Activation of pancreatic stellate cells attenuates intracellular $Ca^{2+}$ signals due to downregulation of TRPA1 and protects against cell death induced by alcohol metabolites

Alcohol abuse, an increasing problem in developed societies, is one of the leading causes of acute and chronic pancreatitis. Alcoholic pancreatitis is often associated with fibrosis mediated by activated pancreatic stellate cells (PSCs). Alcohol toxicity predominantly depends on its non-oxidative metabolites, fatty acid ethyl esters, generated from ethanol and fatty acids. Although the role of non-oxidative alcohol metabolites and dysregulated $Ca^{2+}$ signalling in enzyme-storing pancreatic acinar cells is well established as the core mechanism of pancreatitis, signals in PSCs that trigger fibrogenesis are less clear.
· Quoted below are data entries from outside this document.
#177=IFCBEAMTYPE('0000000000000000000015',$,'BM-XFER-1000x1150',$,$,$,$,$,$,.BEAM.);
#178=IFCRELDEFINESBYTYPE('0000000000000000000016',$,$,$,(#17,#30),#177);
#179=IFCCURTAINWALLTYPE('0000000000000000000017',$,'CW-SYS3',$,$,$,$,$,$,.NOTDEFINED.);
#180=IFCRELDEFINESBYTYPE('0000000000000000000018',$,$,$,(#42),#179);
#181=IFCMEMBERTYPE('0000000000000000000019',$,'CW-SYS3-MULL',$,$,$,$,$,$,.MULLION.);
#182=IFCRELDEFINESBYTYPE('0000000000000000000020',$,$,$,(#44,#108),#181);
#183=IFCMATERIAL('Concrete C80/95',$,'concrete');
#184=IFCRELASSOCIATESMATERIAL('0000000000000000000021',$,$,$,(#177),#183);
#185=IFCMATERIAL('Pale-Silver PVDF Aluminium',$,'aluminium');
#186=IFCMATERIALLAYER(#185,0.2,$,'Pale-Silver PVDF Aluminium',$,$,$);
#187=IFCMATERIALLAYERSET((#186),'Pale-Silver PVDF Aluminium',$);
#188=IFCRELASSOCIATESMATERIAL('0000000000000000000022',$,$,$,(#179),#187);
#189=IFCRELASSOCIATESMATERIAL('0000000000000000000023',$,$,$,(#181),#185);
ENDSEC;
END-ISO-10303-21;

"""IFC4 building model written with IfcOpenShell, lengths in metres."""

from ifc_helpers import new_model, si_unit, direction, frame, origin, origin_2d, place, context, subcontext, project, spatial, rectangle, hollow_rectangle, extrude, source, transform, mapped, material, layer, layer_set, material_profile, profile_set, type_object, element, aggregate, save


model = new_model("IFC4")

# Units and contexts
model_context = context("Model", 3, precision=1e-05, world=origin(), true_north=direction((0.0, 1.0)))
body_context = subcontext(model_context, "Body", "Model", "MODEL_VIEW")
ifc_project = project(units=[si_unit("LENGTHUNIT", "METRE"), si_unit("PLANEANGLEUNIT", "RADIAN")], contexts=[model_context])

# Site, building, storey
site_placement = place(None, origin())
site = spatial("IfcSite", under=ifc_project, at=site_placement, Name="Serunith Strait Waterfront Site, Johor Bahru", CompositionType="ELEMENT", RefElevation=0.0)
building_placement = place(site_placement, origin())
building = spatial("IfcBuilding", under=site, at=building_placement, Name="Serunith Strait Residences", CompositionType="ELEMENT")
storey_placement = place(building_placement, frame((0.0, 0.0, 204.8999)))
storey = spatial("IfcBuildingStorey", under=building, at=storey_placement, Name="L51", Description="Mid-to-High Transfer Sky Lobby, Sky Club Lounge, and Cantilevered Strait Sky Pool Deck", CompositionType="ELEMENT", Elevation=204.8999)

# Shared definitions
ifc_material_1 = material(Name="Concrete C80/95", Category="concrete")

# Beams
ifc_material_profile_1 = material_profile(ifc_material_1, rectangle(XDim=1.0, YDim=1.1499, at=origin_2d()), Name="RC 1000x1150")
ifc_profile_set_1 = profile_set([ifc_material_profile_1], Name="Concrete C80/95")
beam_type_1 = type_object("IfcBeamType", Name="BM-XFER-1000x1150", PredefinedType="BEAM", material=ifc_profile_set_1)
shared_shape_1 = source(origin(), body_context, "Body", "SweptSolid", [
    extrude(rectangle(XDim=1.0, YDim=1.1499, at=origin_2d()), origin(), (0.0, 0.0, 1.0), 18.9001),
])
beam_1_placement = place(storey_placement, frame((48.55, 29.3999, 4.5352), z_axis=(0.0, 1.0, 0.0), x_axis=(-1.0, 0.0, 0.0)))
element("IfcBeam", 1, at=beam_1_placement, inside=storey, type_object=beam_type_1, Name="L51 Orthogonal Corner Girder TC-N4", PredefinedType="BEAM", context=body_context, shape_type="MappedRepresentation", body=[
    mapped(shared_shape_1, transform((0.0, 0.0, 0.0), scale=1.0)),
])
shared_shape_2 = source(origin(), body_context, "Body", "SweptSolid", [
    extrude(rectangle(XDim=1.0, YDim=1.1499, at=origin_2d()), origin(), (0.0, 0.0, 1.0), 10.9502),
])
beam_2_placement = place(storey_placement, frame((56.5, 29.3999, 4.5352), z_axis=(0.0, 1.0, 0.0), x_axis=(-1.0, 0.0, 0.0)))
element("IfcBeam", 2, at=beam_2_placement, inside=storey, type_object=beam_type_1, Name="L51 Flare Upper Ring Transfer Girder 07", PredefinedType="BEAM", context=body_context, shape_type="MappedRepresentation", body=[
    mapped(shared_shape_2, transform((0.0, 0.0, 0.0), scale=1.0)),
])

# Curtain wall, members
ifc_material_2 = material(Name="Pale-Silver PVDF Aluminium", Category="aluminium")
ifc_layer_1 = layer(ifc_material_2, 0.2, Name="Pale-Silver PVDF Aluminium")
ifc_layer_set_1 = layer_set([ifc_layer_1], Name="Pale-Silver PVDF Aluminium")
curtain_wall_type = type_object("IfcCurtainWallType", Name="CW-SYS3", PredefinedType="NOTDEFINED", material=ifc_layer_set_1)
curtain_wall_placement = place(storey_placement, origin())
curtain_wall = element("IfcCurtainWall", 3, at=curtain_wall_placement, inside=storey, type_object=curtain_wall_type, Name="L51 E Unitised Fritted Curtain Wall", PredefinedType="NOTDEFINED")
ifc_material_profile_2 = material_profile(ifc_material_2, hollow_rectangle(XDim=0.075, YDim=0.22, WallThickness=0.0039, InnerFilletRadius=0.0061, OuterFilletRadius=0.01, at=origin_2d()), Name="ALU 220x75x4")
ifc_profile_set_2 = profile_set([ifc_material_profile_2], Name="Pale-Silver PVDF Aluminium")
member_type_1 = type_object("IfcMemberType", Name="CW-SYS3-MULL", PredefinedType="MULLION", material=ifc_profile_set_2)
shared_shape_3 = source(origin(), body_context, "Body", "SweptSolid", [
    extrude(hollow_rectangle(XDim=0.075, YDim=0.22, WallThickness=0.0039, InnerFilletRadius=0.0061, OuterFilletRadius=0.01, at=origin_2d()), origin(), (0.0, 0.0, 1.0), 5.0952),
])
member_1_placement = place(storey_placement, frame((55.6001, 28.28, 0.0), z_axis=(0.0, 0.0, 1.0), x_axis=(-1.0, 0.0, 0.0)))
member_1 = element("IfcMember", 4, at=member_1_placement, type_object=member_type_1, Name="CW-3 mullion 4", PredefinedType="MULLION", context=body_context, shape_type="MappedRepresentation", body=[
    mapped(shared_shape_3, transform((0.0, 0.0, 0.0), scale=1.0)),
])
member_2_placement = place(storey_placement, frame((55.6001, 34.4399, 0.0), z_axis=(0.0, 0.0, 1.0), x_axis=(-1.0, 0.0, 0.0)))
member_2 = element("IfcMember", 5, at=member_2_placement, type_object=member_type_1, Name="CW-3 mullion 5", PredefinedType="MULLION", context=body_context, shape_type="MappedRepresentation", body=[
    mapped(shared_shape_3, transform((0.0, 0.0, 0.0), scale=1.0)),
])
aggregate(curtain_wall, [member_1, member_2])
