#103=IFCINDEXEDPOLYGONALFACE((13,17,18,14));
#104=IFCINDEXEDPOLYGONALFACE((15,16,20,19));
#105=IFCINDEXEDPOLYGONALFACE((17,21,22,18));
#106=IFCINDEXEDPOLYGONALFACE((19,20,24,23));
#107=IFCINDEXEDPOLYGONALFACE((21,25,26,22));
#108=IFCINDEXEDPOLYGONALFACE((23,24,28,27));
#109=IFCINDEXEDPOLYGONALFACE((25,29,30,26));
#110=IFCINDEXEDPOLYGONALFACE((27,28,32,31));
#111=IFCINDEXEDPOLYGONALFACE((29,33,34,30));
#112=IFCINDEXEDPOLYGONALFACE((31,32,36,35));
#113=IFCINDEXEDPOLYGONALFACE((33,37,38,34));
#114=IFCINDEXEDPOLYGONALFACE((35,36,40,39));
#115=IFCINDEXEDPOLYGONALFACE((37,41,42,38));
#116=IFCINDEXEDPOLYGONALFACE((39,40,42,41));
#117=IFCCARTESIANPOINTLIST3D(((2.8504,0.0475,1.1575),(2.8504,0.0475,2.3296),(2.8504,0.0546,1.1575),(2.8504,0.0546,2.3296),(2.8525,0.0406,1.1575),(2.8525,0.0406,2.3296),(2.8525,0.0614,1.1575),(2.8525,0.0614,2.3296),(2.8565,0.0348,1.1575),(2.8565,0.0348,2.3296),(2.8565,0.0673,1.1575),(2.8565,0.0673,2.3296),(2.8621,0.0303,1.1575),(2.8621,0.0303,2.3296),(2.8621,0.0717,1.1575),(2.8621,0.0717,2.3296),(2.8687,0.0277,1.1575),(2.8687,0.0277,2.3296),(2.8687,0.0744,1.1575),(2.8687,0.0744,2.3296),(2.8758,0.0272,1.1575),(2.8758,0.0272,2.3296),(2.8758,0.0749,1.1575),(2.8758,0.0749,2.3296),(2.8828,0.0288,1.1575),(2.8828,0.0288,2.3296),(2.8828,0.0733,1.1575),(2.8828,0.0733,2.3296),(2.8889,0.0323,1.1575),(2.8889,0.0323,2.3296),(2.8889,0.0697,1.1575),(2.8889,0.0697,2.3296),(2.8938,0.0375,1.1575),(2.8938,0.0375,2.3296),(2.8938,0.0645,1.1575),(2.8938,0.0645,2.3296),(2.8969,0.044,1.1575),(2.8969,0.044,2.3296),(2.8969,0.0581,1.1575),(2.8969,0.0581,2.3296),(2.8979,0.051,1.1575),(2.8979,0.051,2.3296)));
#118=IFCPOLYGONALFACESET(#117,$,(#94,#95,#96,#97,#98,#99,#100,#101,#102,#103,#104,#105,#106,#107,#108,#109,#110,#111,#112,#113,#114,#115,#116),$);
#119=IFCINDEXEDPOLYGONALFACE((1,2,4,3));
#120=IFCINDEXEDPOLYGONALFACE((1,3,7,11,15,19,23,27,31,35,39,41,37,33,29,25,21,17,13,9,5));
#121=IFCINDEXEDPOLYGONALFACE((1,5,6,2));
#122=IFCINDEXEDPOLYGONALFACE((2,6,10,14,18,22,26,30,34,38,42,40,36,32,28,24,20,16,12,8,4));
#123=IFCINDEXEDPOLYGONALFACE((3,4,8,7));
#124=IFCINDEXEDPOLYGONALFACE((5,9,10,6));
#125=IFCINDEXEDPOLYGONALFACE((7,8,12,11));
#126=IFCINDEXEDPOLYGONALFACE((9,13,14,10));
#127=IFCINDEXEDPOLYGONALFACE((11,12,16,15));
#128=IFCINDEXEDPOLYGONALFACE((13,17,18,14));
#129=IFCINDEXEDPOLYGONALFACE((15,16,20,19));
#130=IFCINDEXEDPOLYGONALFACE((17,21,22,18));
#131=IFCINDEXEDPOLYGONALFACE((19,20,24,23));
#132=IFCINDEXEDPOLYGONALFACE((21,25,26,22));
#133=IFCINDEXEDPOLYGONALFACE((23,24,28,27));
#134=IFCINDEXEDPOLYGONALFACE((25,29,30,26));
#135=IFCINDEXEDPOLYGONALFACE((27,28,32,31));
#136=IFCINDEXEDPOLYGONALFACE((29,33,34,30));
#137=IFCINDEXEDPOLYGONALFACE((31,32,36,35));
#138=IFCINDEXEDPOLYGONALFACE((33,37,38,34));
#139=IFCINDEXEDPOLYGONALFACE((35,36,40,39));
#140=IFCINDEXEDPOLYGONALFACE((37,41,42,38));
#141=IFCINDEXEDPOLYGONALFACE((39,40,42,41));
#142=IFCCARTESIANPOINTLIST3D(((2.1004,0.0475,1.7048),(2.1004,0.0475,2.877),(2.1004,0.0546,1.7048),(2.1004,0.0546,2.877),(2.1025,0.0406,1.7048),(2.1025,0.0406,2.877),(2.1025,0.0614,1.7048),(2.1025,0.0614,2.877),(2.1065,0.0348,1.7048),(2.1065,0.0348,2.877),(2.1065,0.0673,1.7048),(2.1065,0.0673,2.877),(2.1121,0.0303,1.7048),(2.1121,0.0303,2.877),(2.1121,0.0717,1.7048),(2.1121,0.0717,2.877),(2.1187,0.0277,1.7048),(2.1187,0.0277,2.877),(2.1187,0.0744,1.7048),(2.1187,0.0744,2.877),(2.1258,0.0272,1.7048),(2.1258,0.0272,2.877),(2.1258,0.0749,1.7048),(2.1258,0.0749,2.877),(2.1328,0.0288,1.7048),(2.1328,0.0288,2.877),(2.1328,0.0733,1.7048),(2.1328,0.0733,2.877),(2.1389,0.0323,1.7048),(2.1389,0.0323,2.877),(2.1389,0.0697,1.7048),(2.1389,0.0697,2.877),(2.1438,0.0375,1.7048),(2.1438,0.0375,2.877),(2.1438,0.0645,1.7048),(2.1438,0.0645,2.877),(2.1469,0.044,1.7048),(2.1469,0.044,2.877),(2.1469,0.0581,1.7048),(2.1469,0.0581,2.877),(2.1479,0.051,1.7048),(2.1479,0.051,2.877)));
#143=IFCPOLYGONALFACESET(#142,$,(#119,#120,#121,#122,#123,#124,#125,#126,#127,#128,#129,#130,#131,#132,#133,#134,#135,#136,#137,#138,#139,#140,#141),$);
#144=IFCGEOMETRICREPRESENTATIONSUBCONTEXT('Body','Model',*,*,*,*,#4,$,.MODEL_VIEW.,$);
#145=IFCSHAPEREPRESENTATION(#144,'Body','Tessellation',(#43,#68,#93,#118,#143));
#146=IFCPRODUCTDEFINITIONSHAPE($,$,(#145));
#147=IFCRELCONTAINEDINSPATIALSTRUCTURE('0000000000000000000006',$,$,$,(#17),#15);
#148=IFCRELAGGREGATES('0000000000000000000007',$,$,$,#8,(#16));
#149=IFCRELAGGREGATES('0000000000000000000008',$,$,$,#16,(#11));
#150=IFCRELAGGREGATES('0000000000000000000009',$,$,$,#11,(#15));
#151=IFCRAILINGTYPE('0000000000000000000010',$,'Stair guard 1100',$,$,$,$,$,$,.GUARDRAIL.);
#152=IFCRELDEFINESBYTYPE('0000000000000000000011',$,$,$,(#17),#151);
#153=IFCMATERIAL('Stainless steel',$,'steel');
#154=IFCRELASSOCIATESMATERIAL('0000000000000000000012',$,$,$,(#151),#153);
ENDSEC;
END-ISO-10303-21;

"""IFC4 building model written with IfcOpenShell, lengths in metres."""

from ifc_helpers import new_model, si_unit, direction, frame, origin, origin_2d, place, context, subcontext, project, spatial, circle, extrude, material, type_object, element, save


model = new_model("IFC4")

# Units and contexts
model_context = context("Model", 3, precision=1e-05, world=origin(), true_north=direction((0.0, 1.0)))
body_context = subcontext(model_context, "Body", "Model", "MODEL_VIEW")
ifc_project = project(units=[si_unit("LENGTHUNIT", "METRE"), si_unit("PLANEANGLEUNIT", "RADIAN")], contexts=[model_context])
Here, we investigate real-time $Ca^{2+}$ signalling, changes in mitochondrial potential and cell death induced by ethanol metabolites in quiescent vs TGF-β-activated PSCs, compare the expression of $Ca^{2+}$ channels and pumps between the two phenotypes and the consequences these differences have on the pathogenesis of alcoholic pancreatitis. The extent of PSC activation in the pancreatitis of different aetiologies has been investigated in three animal models. Unlike biliary pancreatitis, alcohol-induced pancreatitis results in the activation of PSCs throughout the entire tissue. Ethanol and palmitoleic acid (POA) or palmitoleic acid ethyl ester (POAEE) act directly on quiescent PSCs, inducing cytosolic $Ca^{2+}$ overload, disrupting mitochondrial functions, and inducing cell death. However, activated PSCs acquire remarkable resistance against ethanol metabolites via enhanced $Ca^{2+}$-handling capacity, predominantly due to the downregulation of the TRPA1 channel. Inhibition or knockdown of TRPA1 reduces EtOH/POA-induced cytosolic $Ca^{2+}$ overload and protects quiescent PSCs from cell death, similarly to the activated phenotype. Our results lead us to review current dogmas on alcoholic pancreatitis. While acinar cells and quiescent PSCs are prone to cell death caused by ethanol metabolites, activated PSCs can withstand noxious signals and, despite ongoing inflammation, deposit extracellular matrix components. Modulation of $Ca^{2+}$ signals in PSCs by TRPA1 agonists/antagonists could become a strategy to shift the balance of tissue PSCs towards quiescent cells, thus limiting pancreatic fibrosis.